Secretary: Mr X is on the phone, he urgently needs to speak with you

Partner: tell him I'm busy, and I'll call him back

Secretary: he's asking when?

Partner: when the Messiah comes....

I think thats a fair comment on most peoples expectations on that front.... its not considered reality by normal people.....


----------



## lukeee (Aug 17, 2009)

A soldier has just been killed by a rocket so it seems hamas are making the most of it before and if a cease fire comes onto place..


----------



## lukeee (Aug 17, 2009)

ausbuilt said:


> Zionism is a funny thing. There are religious Zionists, who where desperate for a modern Israel, then there are ultra-orthodox religious NON-Zionists- because they believe only G-D can re-instate the state of Israel, not man...
> 
> For a very minority religion (not helped by the holocaust wiping out half), there are more splinter groups/factions in judaism than the average person suspects- trying to get a group of jews to agree on a course of action, especially in terms of politics and religion, is akin to herding cats :lol: Every f**Ker thinks he's smarter than the next f**Ker..
> 
> ...


Aus thats a great post mate and the way you have kept your dignity in this thread is something we can all learn from, big respect to ya fella and i hope any family you have out there are safe and sound! :thumbup1:


----------



## RockyD (Oct 8, 2012)

That people are actually trying to argue that Israel has some kind of moral high ground just shows how powerful western media is.

The fact that since 1967 Israel has bulldozed tens of thousands of Palestinian homes and ran the inhabitants off the land is conveniently overlooked when our media labels Hamas as terrorists for apparently targeting civilians.

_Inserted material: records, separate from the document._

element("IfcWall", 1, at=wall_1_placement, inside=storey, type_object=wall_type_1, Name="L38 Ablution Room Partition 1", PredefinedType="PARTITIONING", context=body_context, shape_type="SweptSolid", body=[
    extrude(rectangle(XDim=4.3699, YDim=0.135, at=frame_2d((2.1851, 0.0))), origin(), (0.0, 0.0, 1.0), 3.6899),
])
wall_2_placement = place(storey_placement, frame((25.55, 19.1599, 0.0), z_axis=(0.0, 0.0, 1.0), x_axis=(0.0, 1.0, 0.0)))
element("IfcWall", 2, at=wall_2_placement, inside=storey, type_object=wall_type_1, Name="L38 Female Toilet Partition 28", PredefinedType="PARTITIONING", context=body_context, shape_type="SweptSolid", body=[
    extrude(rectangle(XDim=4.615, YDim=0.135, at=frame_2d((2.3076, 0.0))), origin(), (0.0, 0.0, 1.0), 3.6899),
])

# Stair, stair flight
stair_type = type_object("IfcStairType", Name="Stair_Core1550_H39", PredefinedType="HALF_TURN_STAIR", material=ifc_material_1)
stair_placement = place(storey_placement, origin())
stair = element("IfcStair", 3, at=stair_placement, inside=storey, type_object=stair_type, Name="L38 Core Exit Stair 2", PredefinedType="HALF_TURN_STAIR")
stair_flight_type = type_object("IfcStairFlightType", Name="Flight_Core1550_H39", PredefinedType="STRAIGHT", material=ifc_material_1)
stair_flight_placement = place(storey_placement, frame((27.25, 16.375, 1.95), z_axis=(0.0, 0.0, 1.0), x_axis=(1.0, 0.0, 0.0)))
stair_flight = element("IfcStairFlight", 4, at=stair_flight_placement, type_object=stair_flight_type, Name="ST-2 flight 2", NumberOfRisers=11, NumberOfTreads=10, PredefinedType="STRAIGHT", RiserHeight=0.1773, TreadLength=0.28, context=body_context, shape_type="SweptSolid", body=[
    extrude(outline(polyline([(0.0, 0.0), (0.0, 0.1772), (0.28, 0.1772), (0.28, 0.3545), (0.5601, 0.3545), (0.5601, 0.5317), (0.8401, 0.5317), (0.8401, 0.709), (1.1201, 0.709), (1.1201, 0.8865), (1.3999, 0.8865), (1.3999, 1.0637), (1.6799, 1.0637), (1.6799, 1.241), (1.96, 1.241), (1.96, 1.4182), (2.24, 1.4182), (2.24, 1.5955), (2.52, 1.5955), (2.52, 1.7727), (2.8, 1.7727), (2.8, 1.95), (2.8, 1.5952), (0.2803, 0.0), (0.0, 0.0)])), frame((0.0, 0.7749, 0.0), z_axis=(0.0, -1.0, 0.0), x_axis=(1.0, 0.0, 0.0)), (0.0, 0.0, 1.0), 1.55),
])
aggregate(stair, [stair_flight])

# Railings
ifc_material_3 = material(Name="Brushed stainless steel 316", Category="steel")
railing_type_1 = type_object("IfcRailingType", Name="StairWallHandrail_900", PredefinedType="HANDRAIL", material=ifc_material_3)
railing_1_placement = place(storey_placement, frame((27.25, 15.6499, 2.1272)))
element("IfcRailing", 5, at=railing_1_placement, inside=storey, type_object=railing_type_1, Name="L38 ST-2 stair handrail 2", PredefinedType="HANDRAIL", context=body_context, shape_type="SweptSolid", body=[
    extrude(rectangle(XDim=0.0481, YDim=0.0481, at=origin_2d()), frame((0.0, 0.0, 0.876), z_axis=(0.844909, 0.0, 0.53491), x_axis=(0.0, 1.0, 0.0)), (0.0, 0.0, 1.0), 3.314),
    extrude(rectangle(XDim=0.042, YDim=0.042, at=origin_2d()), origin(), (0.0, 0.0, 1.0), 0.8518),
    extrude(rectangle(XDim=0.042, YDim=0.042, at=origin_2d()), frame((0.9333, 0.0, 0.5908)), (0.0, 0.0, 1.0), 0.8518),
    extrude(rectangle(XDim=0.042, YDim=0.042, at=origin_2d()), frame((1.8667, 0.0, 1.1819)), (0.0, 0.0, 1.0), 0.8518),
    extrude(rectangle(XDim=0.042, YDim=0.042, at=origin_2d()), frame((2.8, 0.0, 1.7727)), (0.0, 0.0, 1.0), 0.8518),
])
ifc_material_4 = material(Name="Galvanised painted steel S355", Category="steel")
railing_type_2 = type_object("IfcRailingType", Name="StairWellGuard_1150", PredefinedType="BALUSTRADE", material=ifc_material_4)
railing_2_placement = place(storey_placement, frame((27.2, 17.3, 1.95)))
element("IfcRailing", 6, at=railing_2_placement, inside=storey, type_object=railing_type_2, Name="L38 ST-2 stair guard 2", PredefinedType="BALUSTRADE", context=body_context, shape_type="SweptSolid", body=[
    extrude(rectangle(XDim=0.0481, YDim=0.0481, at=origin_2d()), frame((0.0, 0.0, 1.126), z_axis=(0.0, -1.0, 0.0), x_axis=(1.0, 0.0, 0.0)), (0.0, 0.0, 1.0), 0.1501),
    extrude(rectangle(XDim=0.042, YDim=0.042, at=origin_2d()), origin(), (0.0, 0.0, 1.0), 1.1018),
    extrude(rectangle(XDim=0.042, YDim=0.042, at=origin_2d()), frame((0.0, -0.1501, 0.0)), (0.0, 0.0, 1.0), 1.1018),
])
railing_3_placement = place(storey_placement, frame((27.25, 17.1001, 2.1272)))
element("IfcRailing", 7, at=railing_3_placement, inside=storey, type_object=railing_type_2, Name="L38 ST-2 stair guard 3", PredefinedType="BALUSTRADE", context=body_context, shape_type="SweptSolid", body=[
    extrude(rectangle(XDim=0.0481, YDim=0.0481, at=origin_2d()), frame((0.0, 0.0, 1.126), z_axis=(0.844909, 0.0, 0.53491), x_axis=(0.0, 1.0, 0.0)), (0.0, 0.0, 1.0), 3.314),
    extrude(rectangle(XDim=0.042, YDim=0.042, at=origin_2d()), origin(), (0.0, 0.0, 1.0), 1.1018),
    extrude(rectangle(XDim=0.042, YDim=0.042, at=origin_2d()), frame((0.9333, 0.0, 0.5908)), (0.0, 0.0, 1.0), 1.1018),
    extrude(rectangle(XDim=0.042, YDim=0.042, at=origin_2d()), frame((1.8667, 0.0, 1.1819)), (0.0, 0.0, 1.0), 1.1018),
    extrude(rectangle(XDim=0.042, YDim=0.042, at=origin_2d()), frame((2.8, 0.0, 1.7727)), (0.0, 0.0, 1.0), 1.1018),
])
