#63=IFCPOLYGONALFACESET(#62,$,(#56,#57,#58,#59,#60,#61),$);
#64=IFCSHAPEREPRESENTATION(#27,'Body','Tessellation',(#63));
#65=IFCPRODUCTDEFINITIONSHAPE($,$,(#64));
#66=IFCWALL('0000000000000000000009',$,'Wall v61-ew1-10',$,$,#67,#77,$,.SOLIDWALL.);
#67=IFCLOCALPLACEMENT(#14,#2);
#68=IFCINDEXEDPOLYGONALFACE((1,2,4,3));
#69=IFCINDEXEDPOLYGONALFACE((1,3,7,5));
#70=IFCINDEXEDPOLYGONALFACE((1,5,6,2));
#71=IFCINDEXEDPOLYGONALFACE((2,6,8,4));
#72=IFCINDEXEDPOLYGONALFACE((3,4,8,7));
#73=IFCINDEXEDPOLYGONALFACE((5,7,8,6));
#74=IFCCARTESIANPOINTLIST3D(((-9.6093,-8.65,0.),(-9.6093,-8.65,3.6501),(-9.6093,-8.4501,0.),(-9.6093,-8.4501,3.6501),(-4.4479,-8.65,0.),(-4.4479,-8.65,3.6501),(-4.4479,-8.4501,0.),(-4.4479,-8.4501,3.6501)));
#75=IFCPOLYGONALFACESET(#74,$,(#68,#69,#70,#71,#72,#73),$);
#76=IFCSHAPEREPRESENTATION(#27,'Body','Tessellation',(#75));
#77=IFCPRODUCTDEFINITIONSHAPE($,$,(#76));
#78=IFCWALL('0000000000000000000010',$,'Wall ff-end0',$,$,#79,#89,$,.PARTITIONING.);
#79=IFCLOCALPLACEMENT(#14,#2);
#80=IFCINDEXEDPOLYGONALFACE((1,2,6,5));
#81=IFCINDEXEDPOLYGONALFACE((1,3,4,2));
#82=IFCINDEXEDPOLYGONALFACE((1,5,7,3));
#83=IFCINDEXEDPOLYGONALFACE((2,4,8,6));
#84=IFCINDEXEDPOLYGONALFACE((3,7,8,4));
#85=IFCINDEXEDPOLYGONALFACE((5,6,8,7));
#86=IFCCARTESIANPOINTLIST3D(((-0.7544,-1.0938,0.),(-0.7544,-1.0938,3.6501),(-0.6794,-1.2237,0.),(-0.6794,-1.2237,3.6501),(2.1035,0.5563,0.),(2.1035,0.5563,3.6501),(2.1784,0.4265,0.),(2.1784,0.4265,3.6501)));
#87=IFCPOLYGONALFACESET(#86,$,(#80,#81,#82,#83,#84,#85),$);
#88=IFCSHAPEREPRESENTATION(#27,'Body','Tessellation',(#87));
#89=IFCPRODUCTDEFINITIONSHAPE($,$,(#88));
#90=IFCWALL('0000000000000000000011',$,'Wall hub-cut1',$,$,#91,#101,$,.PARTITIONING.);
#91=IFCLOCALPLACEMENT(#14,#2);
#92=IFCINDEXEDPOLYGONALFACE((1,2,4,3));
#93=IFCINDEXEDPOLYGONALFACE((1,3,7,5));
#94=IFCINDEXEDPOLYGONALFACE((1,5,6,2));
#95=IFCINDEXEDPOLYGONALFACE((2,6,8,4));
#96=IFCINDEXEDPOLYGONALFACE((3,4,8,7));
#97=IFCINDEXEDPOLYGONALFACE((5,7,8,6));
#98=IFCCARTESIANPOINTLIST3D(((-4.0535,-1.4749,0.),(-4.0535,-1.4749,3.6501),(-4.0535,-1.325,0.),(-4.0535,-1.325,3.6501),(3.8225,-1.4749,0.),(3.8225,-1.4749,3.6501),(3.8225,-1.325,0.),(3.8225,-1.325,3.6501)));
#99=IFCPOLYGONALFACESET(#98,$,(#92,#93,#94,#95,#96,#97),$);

Israel has also moved more than half a million of it's own civilian population into the occupied territories in contravention of the 4th Geneva Convention. The International Court of Justice states that Israeli settlements are illegal. The UN has targeted Israel with 60 odd resolutions condemning them for the building of settlements and for their general inhumane treatment of Palestinians. Not a single nation on earth recognises the legitimacy of Israel's settlements.

So if Israel totally disregards the UN Security Council, International Law, the Geneva Conventions, why does anyone expect Hamas to follow any sort of code of conduct?

Whichever way you spin it Israel is the aggressor.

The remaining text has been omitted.